Argentine painter, designer, and thinker (1922–2018)

Tomás Maldonado (25 April 1922 – 26 November 2018) was an Argentine painter, designer and thinker, considered one of the main theorists of design theory of the legendary Ulm Model, a design philosophy developed during his tenure (1954–1967) at the Ulm School of Design (Hochschule für Gestaltung – HfG) in Germany.

== Early life ==
Born in the Argentine city of Buenos Aires, Maldonado's artistic formation took place at Escuela Nacional de Bellas Artes Prilidiano Pueyrredón.

== Career ==
=== The early years ===
In this early period he was involved with the Argentine Avant Gardes, and was one of the founders of the Asociación Arte Concreto-Invención movement in 1945. In 1951 he co-founded the magazine Nueva Visión with Alfredo Hlito, directing it until 1957. Published in Buenos Aires, Nueva Visión became an influential Spanish-language periodical devoted to art, architecture, industrial design and typography, and helped disseminate concrete art ideas throughout Latin America.

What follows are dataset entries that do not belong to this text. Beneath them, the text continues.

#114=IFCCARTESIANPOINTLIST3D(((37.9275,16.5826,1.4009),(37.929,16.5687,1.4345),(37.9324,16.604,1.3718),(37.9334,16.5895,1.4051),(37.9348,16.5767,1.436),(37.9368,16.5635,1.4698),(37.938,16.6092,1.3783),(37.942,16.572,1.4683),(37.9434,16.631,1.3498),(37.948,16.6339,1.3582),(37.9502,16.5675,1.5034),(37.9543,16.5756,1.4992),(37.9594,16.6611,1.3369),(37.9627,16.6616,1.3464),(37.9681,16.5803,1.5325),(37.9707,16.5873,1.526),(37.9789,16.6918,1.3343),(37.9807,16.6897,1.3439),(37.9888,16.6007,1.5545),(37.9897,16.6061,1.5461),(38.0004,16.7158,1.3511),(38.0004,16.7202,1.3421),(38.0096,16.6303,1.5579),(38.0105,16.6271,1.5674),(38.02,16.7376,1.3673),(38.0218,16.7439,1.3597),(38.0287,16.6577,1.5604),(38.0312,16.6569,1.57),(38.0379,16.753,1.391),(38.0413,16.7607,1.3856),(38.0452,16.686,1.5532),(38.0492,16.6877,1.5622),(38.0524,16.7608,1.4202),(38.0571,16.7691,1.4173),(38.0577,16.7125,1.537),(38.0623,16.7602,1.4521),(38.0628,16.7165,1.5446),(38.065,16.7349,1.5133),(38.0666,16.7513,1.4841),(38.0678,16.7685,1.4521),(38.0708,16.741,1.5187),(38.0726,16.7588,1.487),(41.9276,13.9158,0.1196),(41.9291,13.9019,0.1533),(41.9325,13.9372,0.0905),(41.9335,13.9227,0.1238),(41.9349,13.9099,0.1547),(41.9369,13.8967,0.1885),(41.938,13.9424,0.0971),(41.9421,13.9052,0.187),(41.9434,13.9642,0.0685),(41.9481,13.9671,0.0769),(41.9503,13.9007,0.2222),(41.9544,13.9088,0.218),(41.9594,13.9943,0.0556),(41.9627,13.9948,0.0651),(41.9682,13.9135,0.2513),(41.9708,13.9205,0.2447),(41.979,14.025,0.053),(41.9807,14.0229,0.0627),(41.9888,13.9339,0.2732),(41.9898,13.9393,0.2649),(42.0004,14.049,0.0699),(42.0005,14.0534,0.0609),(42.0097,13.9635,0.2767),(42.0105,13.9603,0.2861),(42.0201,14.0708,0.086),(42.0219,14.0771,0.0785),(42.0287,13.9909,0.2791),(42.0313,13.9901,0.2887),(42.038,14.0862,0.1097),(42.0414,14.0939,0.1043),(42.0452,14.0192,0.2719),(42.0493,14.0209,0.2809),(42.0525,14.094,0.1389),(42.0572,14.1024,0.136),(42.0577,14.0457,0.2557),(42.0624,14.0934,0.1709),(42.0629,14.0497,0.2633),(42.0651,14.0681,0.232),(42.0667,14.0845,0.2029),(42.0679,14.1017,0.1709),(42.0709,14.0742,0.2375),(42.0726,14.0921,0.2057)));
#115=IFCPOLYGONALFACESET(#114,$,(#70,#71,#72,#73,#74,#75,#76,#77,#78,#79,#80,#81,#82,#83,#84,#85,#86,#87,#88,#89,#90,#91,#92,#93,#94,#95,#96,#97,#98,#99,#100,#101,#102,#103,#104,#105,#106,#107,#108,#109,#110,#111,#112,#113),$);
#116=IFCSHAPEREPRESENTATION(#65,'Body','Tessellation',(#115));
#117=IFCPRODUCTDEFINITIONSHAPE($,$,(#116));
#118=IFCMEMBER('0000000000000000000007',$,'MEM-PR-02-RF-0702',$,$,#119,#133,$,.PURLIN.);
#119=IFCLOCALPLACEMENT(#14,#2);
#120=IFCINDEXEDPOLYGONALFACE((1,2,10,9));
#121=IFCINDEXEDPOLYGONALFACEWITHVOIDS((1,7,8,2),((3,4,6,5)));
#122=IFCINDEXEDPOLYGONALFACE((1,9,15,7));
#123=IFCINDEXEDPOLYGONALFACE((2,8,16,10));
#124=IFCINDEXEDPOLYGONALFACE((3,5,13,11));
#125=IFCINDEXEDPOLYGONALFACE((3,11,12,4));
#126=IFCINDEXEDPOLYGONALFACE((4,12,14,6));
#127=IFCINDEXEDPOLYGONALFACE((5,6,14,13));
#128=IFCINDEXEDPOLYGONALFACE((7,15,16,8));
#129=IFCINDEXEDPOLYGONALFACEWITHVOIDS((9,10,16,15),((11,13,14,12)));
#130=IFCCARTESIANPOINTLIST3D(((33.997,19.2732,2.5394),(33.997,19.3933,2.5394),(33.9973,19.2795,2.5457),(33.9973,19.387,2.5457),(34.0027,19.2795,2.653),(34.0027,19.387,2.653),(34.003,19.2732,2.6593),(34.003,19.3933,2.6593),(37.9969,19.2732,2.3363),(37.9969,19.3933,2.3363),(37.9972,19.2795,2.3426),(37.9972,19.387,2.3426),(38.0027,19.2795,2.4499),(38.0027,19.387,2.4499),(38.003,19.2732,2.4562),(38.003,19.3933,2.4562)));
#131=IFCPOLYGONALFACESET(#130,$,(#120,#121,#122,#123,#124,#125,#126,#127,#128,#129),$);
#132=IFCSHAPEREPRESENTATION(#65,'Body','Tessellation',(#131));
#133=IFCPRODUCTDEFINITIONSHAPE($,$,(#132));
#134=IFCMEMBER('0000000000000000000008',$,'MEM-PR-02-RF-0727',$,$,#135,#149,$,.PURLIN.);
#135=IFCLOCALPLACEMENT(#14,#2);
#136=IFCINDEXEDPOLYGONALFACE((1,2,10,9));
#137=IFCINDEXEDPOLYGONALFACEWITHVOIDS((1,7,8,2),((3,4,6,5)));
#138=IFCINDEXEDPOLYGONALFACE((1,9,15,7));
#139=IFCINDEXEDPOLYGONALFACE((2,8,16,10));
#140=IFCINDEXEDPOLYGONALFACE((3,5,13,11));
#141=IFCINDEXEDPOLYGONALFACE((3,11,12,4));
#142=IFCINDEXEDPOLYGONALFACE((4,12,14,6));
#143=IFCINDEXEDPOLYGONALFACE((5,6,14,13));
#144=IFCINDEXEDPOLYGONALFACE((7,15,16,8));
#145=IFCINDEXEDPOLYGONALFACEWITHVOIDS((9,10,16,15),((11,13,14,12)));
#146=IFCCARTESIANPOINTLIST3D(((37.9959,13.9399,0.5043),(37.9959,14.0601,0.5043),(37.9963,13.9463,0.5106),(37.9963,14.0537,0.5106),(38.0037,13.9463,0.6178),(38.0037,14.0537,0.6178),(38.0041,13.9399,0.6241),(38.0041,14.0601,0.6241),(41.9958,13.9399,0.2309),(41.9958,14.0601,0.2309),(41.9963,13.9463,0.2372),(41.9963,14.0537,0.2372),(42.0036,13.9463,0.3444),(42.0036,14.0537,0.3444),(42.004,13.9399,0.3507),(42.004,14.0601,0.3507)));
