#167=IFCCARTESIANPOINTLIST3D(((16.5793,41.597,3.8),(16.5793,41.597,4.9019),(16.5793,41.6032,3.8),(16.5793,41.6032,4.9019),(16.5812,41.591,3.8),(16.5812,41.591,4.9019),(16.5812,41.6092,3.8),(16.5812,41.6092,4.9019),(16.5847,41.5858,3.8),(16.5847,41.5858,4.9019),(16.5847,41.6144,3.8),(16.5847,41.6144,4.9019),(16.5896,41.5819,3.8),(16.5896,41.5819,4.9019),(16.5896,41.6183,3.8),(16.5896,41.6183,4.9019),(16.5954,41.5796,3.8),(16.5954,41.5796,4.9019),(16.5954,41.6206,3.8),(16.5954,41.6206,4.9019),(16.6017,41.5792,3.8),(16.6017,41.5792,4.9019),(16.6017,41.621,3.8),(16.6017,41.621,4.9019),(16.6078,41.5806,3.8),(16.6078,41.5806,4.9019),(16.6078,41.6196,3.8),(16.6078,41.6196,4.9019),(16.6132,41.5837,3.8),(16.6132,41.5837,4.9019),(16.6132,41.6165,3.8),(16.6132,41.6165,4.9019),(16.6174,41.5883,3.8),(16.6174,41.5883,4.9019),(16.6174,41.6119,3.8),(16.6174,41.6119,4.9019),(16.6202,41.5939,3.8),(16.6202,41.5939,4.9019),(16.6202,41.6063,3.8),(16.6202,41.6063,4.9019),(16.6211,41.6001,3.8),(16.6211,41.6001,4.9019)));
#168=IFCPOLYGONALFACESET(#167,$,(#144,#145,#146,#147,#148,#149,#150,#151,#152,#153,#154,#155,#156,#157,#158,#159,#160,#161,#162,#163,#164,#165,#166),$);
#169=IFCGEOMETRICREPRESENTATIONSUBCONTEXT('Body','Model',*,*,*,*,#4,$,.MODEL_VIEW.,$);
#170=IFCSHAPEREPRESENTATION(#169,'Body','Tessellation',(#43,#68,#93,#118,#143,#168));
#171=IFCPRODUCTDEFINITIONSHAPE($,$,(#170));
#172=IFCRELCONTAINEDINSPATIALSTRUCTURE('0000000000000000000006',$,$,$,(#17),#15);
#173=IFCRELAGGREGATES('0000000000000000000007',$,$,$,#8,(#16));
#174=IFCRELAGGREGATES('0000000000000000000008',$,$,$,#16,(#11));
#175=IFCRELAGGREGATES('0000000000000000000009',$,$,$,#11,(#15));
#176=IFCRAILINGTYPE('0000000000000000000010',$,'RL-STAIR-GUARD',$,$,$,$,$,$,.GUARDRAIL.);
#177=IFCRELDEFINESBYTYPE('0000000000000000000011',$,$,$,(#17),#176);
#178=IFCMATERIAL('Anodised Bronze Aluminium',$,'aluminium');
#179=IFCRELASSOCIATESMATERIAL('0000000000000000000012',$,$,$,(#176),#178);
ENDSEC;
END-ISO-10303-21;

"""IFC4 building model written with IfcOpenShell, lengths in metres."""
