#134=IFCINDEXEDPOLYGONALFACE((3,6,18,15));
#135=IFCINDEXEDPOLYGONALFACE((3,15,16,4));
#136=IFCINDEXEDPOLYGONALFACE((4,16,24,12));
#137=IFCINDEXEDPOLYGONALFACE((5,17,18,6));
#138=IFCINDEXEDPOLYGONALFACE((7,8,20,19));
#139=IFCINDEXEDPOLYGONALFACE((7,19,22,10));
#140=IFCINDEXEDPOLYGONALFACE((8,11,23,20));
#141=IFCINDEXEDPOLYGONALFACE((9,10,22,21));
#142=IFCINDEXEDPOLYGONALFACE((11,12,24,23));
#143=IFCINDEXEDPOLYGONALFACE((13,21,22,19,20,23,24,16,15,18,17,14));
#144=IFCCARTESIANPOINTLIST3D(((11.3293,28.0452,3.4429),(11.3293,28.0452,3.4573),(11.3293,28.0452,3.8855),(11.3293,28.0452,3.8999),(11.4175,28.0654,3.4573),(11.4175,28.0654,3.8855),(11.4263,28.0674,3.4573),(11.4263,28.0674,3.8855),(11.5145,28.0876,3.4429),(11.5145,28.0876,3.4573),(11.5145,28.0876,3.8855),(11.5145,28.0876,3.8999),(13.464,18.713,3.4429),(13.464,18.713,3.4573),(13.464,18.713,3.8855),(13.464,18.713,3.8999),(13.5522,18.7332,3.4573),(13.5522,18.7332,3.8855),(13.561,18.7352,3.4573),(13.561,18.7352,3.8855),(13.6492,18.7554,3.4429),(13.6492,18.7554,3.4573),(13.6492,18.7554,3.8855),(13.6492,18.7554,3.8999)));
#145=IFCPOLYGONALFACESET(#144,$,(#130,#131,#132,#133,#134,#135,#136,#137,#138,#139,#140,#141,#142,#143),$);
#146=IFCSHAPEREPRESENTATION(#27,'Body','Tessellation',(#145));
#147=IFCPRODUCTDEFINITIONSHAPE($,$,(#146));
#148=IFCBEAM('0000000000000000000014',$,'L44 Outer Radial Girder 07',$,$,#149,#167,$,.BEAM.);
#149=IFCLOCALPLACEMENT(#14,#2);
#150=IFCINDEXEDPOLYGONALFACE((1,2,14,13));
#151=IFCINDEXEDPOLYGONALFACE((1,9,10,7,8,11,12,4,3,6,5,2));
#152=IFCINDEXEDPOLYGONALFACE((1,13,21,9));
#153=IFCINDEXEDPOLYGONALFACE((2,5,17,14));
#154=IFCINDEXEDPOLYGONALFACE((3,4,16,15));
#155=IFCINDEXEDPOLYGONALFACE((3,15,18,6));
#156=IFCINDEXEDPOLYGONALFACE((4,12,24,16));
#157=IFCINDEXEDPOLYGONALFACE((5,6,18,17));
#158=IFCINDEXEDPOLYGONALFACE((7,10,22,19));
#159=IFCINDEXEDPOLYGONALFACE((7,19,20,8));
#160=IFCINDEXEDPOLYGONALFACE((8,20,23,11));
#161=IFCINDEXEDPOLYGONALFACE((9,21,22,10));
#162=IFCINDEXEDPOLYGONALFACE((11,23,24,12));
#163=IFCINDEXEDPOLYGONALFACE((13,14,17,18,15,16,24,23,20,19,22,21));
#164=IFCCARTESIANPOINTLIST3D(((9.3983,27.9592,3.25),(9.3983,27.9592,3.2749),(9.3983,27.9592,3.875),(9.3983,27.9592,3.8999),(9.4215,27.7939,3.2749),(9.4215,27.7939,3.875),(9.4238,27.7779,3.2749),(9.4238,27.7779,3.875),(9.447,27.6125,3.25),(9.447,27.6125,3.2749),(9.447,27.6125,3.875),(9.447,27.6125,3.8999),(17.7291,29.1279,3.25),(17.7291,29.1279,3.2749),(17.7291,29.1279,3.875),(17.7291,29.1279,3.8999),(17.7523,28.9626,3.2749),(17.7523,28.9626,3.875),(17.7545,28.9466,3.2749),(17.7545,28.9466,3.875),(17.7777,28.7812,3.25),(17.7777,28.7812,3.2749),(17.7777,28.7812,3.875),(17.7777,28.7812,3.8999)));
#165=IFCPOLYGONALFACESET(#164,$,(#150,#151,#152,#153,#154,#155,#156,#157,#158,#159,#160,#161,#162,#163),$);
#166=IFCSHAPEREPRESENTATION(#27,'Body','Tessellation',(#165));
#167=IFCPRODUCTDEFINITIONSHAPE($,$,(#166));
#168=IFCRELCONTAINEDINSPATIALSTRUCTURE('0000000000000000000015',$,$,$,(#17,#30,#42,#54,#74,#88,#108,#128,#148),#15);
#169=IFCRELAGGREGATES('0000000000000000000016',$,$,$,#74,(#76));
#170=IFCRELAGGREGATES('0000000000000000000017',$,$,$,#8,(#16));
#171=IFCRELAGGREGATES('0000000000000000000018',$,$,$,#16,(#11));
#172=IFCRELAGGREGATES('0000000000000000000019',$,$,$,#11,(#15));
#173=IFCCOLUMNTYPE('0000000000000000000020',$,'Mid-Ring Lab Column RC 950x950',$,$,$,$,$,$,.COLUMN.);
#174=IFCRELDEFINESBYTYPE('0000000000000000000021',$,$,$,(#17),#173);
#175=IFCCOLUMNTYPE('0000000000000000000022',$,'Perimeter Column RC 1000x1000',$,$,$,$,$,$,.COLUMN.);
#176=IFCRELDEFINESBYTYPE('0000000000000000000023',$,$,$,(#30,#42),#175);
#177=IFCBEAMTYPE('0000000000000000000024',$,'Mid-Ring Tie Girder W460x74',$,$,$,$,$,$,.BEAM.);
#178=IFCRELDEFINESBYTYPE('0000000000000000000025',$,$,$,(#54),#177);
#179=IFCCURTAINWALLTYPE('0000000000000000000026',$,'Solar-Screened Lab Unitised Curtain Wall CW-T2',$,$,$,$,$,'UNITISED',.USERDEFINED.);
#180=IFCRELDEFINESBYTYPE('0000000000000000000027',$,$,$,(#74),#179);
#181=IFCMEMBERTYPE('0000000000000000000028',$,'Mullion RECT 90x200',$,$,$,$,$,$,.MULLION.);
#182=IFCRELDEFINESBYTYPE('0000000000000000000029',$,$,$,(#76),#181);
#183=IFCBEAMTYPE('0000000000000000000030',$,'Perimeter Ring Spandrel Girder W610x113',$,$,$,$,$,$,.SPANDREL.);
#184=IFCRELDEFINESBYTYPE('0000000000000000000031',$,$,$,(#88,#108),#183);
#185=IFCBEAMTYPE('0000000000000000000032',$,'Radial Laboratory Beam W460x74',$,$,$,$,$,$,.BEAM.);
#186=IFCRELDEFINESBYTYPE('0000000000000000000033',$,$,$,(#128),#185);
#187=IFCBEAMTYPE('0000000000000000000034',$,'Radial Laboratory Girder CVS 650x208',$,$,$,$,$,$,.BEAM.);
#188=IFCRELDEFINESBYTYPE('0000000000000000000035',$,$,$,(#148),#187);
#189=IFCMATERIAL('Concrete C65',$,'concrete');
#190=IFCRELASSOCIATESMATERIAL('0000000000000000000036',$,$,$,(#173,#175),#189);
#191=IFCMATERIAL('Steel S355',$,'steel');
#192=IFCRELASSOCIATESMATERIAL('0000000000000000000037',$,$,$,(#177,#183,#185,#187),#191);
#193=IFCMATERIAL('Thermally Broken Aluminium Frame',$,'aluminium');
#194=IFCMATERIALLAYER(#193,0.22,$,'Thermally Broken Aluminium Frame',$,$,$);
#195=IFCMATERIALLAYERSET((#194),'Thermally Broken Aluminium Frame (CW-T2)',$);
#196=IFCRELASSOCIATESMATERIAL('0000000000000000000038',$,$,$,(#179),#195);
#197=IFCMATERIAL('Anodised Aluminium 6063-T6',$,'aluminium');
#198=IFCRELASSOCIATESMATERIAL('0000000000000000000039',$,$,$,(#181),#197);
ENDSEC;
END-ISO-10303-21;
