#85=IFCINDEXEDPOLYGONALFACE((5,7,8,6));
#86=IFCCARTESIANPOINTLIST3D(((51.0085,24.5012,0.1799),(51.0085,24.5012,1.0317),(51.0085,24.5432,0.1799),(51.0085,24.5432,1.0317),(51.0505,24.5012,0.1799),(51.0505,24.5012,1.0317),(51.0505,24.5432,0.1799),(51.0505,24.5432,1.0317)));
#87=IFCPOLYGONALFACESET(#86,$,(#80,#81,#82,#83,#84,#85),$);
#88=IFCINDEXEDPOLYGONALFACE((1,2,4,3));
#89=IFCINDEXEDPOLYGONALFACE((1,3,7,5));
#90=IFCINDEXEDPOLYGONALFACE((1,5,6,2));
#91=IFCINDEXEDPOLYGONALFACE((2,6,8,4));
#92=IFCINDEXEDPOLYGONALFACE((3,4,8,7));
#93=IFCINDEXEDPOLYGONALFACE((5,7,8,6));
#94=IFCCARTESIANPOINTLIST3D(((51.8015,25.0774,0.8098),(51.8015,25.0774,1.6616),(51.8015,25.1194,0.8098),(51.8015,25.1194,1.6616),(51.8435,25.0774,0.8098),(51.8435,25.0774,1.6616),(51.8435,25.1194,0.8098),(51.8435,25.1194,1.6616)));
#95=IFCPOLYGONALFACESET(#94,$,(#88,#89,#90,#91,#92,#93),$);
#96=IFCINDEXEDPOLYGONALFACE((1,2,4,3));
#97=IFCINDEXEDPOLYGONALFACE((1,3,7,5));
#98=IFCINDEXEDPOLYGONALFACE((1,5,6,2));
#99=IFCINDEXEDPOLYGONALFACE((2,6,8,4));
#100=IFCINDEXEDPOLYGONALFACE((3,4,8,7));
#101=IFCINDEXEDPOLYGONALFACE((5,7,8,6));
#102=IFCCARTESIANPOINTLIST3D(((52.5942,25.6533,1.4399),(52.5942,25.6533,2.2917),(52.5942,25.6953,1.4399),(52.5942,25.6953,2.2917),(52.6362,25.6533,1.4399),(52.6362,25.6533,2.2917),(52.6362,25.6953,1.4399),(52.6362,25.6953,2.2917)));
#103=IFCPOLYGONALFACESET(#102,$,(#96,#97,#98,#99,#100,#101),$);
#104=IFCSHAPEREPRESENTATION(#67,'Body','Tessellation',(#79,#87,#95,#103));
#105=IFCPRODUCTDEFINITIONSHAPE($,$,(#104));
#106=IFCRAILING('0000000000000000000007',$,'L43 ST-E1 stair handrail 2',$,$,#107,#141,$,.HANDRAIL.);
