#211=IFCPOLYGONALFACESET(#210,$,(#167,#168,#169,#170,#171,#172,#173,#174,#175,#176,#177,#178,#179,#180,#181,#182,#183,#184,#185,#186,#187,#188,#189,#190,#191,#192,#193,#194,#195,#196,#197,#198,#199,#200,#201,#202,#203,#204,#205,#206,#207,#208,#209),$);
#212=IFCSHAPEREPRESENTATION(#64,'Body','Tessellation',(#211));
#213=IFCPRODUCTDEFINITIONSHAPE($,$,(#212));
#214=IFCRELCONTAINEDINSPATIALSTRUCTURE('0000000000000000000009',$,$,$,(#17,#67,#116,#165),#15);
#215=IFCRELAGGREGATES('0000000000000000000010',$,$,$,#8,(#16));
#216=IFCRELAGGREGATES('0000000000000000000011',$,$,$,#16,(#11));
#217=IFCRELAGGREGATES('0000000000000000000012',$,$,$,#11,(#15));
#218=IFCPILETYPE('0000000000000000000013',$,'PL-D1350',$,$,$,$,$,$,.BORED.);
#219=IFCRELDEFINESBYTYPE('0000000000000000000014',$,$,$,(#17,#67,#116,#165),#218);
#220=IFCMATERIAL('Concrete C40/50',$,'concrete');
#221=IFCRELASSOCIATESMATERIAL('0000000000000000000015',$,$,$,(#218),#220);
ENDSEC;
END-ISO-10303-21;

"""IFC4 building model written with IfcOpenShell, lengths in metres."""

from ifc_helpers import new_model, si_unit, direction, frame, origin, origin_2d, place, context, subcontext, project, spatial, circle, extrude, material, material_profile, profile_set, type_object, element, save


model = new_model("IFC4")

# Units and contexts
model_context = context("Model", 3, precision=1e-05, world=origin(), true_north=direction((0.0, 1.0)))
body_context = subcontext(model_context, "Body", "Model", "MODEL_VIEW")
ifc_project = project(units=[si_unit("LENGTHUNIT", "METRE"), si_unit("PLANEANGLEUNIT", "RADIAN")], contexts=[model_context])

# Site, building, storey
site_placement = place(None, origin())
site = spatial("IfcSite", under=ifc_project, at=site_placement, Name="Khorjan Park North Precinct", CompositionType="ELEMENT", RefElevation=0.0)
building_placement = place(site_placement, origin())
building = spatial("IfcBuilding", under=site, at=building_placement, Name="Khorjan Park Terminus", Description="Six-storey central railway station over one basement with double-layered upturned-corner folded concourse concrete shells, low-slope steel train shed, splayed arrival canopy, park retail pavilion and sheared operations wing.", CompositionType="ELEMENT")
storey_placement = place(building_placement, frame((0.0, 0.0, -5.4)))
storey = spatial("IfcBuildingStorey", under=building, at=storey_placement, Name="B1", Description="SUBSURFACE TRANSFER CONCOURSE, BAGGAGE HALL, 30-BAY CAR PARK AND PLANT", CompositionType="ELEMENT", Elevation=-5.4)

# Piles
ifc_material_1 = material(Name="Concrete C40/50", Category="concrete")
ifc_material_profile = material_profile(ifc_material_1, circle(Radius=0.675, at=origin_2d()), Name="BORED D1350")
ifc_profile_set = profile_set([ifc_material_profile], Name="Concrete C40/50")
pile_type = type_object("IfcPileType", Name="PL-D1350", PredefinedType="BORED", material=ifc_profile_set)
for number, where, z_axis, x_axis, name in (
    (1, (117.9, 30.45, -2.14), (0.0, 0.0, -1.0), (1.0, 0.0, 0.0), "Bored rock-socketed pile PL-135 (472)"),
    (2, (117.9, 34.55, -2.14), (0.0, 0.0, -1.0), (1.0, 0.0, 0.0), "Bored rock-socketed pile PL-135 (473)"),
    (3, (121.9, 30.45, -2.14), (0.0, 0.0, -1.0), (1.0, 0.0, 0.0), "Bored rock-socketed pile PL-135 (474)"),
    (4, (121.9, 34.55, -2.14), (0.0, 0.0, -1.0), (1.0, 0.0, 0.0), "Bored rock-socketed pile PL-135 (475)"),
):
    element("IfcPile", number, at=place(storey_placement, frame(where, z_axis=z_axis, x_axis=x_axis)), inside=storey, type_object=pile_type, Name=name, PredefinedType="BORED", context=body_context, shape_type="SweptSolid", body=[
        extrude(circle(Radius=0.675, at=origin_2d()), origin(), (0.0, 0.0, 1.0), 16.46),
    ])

=== The Italian experience ===
Between 1964 and 1967, in collaboration with his German colleague Gui Bonsiepe he created a system of codes for the design program of the Italian firm Olivetti and the department store La Rinascente. In 1967 he established himself in Milan, continuing to teach in the Faculty of Philosophy and Literature of the University of Bologna, working almost entirely now in philosophy and criticism influenced by semiotics. In one of his last essays, "The Heterodox", he claims that the role of the intellectual is to awaken or reveal the collective conscience.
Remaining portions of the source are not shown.